2.  If you're planning on appliqueing the setting triangles around the Blazing Star center block, keep working on those as you go along.  I hate getting down to the very end of my quilt and then having to stop while I spend lots of time on one last, lingering step.  That's why I gave you those instructions earlier in my blog.

3.  The Quilters Academy books by Harriet and Carrie Hargrave are wonderful additions to anyone's quilting library.  Please get at least the first book, Freshman Year, even if you don't purchase the additional ones.  The Freshman Year teaches you how to prep your fabric before you put rotary cutter to it.  These are awesome books -- and I'm not getting paid to promote them.  I have bought the first two in the series and will eventually buy all of them.  They are just that good.

Okay bunnies...it's time to start...

 Prep your fabric.  Decide if you're going to prewash or not prewash.  Put on straight of grain, and starch.  These are the fabrics I've picked out for the first block--

  And this is what they look like all cut out.  The instructions in the book are given in pictures, and that can be a bit tricky at first.  But after you get through the first block, it gets easier to understand.

I do recommend, as I do with any quilt pattern, that you completely read through the instructions for the block first before assembling anything.  You will note that the finished size of this block is 10 inches.  That means that when this block is set in the quilt on point with the setting triangles, it will measure 10-inches square.  So when you finish piecing this block, it should measure exactly 10 1/2 - inches square -- the extra half-inch at this point is for the seam allowances.

Now let me address something that may sound like quilt heresy:  The myth of the 1/4-inch seam.  Most quilt patterns instruct us to use a 1/4-inch seam allowance.  And most of the time that works well.  What you should be concerned with is the unfinished size of the block, not necessarily the seam allowance.  In our case, that unfinished size is 10 1/2 inches.  In most cases, the 1/4-inch seam allowance is going to work fine.  But if your block smaller or larger than 10 1/2 inches, then you're going to have to play with your seam allowance to make the block exactly 10 1/2 inches square.

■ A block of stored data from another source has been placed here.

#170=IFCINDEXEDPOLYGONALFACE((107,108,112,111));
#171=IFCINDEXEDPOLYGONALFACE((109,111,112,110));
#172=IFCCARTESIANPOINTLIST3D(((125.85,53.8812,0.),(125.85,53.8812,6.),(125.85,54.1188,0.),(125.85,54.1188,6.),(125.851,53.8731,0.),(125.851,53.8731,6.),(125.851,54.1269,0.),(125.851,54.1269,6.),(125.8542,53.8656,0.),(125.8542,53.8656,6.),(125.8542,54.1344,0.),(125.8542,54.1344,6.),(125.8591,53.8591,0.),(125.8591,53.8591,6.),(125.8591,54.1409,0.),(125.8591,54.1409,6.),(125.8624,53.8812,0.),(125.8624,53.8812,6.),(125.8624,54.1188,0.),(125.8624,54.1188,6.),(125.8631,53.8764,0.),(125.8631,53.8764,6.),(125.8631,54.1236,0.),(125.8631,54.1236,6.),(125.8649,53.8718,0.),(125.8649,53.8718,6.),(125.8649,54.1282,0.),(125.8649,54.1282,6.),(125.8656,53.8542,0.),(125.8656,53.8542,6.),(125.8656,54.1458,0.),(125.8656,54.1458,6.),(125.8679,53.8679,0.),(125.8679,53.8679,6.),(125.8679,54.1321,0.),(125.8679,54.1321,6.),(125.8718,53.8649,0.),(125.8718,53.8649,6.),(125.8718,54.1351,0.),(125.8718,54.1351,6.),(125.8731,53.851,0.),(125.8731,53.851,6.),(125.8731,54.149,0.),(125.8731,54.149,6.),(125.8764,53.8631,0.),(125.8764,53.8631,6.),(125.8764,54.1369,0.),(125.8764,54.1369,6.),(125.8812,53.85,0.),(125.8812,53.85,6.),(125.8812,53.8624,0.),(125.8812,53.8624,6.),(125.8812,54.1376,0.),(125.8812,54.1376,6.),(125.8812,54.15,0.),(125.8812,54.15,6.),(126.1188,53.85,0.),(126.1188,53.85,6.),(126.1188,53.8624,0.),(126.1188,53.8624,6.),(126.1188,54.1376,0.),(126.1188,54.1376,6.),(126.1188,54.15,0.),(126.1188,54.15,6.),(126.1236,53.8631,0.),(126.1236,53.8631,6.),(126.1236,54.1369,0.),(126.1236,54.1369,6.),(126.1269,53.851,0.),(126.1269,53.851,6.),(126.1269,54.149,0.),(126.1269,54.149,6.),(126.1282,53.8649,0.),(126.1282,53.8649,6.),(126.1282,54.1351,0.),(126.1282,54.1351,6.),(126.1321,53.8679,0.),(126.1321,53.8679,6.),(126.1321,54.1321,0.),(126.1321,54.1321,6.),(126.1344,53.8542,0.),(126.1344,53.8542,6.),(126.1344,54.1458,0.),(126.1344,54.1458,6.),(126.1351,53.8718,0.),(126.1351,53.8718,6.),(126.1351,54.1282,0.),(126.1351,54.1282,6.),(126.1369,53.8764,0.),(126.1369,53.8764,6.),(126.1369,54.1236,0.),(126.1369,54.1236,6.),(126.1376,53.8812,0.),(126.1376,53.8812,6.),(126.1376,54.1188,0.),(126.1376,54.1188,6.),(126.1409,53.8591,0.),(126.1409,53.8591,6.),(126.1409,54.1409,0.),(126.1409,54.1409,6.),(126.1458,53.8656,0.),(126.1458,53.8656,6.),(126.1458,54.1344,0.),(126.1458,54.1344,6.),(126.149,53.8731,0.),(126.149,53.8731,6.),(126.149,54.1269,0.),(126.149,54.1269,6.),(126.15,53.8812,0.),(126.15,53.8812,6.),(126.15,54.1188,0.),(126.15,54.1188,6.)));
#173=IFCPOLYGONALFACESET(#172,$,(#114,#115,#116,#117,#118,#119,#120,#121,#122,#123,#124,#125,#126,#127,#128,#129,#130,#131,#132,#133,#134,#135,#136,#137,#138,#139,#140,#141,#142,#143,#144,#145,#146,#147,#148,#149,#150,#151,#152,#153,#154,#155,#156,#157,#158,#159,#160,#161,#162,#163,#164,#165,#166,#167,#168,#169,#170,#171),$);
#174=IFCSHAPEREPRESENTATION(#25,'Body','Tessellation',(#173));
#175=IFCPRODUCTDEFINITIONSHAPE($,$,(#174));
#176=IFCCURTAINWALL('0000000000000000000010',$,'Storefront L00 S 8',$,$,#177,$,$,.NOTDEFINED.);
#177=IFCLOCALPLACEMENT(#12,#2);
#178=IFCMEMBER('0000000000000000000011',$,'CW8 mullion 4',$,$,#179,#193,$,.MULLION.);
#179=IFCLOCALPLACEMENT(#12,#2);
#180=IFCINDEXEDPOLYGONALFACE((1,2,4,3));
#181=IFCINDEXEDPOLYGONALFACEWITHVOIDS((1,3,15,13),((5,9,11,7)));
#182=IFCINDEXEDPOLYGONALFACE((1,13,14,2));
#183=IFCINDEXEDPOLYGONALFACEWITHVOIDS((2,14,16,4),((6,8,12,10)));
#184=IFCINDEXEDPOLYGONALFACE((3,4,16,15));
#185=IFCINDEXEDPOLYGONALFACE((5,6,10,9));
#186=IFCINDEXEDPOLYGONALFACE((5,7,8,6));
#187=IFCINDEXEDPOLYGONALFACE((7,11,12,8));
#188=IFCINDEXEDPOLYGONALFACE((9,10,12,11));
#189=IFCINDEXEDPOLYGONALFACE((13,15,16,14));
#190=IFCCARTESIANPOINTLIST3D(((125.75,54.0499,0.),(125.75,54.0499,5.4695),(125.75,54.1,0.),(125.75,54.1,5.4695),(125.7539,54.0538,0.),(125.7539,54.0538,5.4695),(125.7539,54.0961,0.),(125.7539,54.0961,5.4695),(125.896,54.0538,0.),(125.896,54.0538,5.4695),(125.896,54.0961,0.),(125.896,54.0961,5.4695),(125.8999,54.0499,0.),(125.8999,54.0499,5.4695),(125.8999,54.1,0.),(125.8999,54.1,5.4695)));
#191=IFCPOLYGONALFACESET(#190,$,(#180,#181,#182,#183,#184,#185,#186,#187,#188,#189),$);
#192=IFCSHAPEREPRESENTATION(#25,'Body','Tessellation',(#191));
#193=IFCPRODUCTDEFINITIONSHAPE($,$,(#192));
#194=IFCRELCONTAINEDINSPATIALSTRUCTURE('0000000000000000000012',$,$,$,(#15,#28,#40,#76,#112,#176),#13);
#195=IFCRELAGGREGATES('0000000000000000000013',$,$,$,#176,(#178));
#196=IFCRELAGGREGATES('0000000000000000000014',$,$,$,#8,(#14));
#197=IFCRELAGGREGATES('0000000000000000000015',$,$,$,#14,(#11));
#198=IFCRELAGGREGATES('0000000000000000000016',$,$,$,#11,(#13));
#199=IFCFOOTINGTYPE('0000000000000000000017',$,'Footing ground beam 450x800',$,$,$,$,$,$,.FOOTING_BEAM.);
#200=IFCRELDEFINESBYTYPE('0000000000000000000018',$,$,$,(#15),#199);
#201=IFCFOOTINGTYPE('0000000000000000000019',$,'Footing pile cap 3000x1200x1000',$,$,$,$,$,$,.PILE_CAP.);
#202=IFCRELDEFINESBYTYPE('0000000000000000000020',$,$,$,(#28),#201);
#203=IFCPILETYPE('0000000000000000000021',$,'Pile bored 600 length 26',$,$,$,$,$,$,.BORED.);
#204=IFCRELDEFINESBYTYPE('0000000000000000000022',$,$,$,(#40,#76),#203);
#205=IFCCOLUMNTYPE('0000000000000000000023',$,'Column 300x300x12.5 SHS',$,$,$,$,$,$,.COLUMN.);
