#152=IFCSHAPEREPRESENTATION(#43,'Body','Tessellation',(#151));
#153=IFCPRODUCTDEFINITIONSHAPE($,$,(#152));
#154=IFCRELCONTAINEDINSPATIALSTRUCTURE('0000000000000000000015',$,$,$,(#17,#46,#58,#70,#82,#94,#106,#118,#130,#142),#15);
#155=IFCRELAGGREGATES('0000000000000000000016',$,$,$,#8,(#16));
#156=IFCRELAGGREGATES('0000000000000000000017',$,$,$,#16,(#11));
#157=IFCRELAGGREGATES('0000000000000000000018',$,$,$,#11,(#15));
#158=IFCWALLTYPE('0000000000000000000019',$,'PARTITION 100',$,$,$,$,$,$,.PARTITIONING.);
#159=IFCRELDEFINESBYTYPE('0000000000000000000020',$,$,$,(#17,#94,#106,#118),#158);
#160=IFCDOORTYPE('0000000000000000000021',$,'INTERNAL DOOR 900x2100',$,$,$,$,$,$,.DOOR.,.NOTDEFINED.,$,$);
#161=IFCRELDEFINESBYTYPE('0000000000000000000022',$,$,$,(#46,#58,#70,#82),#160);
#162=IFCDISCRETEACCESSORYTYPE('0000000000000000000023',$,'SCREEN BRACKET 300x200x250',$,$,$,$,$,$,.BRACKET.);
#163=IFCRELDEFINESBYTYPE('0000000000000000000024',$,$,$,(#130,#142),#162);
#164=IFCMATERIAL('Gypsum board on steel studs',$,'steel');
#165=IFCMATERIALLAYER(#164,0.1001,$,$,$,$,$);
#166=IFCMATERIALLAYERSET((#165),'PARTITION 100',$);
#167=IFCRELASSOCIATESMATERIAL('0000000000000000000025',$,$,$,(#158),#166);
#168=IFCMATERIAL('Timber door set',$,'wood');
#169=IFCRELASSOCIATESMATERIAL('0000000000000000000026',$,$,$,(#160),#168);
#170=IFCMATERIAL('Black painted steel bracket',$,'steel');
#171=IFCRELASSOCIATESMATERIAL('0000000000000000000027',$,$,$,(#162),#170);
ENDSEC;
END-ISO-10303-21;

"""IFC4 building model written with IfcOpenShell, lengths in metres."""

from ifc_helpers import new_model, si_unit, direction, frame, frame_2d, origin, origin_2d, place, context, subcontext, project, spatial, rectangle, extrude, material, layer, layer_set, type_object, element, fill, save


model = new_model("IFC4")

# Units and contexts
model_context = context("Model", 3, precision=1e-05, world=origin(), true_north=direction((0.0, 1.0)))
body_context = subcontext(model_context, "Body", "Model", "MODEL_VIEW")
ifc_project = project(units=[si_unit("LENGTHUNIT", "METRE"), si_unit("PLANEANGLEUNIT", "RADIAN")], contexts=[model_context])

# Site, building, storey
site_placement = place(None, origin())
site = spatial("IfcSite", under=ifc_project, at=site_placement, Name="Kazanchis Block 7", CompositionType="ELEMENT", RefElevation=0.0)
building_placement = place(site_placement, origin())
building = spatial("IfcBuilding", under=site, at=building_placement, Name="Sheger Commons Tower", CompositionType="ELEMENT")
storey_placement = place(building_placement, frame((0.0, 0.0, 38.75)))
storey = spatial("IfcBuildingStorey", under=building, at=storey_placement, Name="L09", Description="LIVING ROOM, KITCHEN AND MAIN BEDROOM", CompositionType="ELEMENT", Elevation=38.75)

If you have a newer sewing machine that is geared towards quilters, you probably have a "quilting foot"  included with your machine.  This is exactly 1/4-inch.  I have one with my Janome 7700.  It's a great foot.  But there is a foot out there called "Little Foot" that is even better.  It's a scant 1/4-inch foot.  In other words, it's a thread or two smaller than 1/4-inch and through 15 years of quilting with it, I have found this foot works BEST.  My squares continually come out right on the money as far as correct size.  Here's what it looks like from several views:



This foot is not an expensive accessory to purchase.  It's around $20 and you can get it from Clotilde, JWhittle, and sometimes even your local fabric store or quilt shop.  Just be sure you know if your machine is a high shank or low shank before purchasing.  And again, I'm not getting paid by Little Foot to promote these.  This is simply a wonderful foot and one of those items I encourage every quilter to get.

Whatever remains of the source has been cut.